Big Data has been hyped considerably over the past 5 years, with large organizations and governments now finding it necessary to collect and analyze huge amounts of data or face criticism for not keeping up.
It is a problem identified by the Australian Bureau Of Statistics (ABS) in their recent report ‘A Statistical Framework for Analysing Big Data’. In this paper they have found that data programmes in companies and governments are conducted backwards.
By this they mean that as much data as possible is collected before it is known what will be done with it. ‘They put the cart (Big Data) before the horse (business problems) and treat 'Big Data as a solution in search of a problem’ according to Dr Siu-Ming Tam, the ABS's Chief Methodologist and author of the paper.
According to Tam, it is also important to not mix datasets just because we can. It may be easier than ever to merge huge datasets, but the reality is that this can create skewed results. These are not necessarily showing causality within correlations as the correlations being brought from different datasets cannot always be trusted.

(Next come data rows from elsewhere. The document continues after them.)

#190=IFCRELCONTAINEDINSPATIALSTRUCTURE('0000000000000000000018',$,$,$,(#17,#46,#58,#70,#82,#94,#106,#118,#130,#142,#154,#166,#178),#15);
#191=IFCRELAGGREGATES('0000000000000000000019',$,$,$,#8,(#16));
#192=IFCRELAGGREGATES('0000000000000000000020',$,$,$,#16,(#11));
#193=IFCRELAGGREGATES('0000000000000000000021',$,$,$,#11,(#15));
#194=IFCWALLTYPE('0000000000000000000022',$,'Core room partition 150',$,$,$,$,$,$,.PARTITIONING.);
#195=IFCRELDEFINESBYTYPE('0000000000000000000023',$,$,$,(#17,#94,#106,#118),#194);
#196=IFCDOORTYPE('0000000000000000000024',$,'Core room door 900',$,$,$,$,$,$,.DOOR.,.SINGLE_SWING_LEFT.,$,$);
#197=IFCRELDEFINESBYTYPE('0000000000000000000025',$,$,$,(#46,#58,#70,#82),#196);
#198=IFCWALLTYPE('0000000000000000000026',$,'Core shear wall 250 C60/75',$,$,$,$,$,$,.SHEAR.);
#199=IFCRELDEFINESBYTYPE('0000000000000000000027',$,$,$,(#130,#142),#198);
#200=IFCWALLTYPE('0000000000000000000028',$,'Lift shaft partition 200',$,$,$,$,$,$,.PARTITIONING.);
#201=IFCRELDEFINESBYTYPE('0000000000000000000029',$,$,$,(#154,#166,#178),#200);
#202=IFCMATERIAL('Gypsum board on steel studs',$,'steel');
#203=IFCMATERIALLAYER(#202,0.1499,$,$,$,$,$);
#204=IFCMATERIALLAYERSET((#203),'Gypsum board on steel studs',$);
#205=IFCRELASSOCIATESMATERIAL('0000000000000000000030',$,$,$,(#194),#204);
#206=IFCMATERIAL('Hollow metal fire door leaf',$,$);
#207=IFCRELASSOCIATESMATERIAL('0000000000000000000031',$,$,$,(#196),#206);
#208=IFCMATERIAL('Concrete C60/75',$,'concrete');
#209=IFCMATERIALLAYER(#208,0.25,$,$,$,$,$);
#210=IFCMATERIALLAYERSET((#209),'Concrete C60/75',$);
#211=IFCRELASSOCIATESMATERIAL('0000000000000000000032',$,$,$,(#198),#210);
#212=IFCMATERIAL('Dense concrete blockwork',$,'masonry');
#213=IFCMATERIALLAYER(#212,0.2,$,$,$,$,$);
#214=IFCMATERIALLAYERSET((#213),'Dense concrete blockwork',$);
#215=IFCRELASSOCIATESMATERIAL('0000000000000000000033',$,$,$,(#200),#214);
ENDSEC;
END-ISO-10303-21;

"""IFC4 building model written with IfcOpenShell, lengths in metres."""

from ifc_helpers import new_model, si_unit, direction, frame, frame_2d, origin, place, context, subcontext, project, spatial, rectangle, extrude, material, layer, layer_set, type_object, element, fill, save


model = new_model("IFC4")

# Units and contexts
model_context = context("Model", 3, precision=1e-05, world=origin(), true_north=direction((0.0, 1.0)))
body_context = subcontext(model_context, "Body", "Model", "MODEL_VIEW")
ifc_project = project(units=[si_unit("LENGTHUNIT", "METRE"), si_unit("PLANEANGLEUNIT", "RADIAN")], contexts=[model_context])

However, these headline-grabbing aspects of the paper should not take away an important element that Tam discusses, which is that there are significant benefits from using Big Data in government.

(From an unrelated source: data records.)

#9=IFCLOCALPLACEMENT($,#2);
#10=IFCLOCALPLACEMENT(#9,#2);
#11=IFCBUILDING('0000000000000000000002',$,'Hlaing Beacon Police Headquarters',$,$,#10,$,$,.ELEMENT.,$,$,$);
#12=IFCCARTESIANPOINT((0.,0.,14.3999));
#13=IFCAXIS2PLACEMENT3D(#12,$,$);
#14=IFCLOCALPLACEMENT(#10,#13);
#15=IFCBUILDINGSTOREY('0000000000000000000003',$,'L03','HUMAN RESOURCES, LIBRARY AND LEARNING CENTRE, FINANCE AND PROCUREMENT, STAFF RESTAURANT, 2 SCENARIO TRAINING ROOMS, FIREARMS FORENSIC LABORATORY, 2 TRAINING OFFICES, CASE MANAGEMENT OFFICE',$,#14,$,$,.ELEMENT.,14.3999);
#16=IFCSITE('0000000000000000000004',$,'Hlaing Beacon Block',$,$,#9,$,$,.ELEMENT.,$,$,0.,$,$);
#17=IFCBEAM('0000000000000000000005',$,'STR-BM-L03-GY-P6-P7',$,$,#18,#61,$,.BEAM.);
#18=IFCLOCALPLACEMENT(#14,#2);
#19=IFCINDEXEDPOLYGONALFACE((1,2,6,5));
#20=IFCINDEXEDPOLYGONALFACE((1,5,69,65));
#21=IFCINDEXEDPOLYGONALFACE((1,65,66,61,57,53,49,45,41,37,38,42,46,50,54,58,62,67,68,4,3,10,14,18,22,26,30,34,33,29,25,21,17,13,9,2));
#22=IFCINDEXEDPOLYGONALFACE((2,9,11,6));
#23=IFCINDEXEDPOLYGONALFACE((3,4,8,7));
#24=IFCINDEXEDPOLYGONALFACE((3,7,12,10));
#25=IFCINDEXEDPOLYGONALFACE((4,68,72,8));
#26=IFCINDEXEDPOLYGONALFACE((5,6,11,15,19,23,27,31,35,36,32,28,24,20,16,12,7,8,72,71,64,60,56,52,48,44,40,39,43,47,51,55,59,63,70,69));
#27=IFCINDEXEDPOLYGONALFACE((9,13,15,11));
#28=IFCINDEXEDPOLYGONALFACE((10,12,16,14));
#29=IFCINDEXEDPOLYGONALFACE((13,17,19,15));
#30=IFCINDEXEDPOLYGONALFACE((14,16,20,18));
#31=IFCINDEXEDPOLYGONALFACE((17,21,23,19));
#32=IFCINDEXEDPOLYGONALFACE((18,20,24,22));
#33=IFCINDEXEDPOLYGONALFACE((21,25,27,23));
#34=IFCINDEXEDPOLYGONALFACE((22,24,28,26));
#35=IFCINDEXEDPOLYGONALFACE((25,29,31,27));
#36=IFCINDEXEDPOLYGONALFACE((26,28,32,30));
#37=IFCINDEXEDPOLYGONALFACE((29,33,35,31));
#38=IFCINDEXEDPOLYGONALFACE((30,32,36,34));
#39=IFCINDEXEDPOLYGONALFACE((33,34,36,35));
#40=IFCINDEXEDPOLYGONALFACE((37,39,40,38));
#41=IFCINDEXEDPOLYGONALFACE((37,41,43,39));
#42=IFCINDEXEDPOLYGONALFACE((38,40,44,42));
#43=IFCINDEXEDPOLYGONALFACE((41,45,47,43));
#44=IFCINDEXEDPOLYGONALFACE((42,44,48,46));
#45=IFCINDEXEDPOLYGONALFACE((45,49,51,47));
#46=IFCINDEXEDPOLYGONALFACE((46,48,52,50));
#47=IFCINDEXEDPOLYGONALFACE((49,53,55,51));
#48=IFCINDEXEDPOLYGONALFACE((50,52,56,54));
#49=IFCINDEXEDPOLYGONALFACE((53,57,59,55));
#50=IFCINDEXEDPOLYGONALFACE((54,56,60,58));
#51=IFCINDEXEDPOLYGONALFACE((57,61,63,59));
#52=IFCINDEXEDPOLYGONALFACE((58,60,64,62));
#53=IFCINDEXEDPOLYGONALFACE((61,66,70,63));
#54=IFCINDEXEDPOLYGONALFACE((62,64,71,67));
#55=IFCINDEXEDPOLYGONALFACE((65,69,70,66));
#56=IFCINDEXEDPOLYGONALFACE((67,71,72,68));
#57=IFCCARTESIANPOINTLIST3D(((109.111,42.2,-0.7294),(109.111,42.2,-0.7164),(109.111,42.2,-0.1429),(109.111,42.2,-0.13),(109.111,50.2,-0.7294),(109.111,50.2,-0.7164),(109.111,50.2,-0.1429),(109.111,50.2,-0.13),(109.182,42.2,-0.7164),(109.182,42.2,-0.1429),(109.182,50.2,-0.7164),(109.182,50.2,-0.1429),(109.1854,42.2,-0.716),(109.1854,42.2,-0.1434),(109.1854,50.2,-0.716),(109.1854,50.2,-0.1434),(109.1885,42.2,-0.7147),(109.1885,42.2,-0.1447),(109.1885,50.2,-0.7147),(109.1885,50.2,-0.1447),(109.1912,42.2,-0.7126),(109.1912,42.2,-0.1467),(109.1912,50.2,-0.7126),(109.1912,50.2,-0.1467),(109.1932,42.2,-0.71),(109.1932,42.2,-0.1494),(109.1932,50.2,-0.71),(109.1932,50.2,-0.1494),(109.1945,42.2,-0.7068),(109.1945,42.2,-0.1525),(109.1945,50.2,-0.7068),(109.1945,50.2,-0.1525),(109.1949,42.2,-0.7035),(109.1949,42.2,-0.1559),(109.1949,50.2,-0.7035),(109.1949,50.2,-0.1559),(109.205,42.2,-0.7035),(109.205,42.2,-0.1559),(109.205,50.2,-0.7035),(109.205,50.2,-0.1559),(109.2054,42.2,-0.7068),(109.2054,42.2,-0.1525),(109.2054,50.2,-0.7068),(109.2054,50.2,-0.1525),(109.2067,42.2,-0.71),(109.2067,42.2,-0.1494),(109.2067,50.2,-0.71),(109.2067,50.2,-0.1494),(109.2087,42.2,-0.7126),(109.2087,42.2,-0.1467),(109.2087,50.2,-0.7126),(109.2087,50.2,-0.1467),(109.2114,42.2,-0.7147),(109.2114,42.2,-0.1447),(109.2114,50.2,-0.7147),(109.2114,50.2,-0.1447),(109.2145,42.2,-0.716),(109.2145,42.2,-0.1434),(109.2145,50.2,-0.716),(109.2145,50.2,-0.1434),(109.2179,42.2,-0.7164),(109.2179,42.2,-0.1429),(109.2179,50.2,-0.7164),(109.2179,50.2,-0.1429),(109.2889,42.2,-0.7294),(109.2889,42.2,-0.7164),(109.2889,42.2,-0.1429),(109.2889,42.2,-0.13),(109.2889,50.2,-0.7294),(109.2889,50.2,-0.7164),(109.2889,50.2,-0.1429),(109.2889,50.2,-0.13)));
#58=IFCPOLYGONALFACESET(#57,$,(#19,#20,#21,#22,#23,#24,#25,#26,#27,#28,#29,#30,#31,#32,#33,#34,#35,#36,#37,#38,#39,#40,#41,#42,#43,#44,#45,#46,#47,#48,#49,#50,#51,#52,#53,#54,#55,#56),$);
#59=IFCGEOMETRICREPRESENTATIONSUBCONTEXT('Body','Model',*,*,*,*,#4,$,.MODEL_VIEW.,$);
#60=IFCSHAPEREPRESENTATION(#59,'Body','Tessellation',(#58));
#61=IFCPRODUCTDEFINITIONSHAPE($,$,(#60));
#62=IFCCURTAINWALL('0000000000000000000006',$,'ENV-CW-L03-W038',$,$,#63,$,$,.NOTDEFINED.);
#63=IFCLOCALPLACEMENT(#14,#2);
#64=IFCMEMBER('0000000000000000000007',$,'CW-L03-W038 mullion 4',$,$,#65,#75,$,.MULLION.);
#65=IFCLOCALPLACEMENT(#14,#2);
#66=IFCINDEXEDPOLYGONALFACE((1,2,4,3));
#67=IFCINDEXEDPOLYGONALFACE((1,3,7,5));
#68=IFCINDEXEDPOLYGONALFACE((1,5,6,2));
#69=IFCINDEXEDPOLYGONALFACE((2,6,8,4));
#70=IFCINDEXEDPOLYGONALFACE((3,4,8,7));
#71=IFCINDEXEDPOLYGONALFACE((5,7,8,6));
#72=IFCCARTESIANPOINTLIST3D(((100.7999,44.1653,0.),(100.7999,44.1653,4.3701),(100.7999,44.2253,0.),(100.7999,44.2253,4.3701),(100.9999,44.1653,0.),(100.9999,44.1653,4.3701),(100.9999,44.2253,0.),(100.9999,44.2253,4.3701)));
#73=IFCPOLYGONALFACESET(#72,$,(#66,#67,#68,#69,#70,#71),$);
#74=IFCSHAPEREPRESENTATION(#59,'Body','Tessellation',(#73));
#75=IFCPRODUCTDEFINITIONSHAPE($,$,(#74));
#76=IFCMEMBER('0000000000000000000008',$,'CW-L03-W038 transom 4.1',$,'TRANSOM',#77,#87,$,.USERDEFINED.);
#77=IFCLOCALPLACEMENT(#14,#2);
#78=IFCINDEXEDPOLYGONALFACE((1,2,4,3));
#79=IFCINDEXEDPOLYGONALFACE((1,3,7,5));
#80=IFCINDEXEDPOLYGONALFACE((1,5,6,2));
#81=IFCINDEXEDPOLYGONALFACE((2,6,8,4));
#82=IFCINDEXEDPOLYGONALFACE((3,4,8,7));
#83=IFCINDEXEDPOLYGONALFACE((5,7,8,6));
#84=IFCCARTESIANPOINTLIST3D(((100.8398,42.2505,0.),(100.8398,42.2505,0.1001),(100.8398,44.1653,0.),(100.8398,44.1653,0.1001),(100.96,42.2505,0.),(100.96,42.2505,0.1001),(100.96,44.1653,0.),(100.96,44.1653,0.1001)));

For instance, Tam discusses the uses of satellite images combined with other data to predict crop yields in Australia, something which has a vital role in terms of both GDP and agricultural health.
So what does this paper essentially tell us?
It appears that one of the most important elements that Tam is pushing for is that the use of data needs to be collected and collated correctly for the insights to be useful for Australian governments and companies. In truth this kind of insight is necessary for any organization, regardless of geography.
Being selective about the data collected and having a clear mandate about how and why it is being gathered is imperative for the success of any data driven company. It is often simpler to bring in as much data as possible then try to find correlations in it by merging data sets, but there needs to be a dedication to authenticity if the insights found are going to stand up to scrutiny.
So is the bubble bursting in Australia? I would argue that it isn’t, but there needs to be concerted efforts to make sure that data programmes are being implemented and theorized correctly to make sure.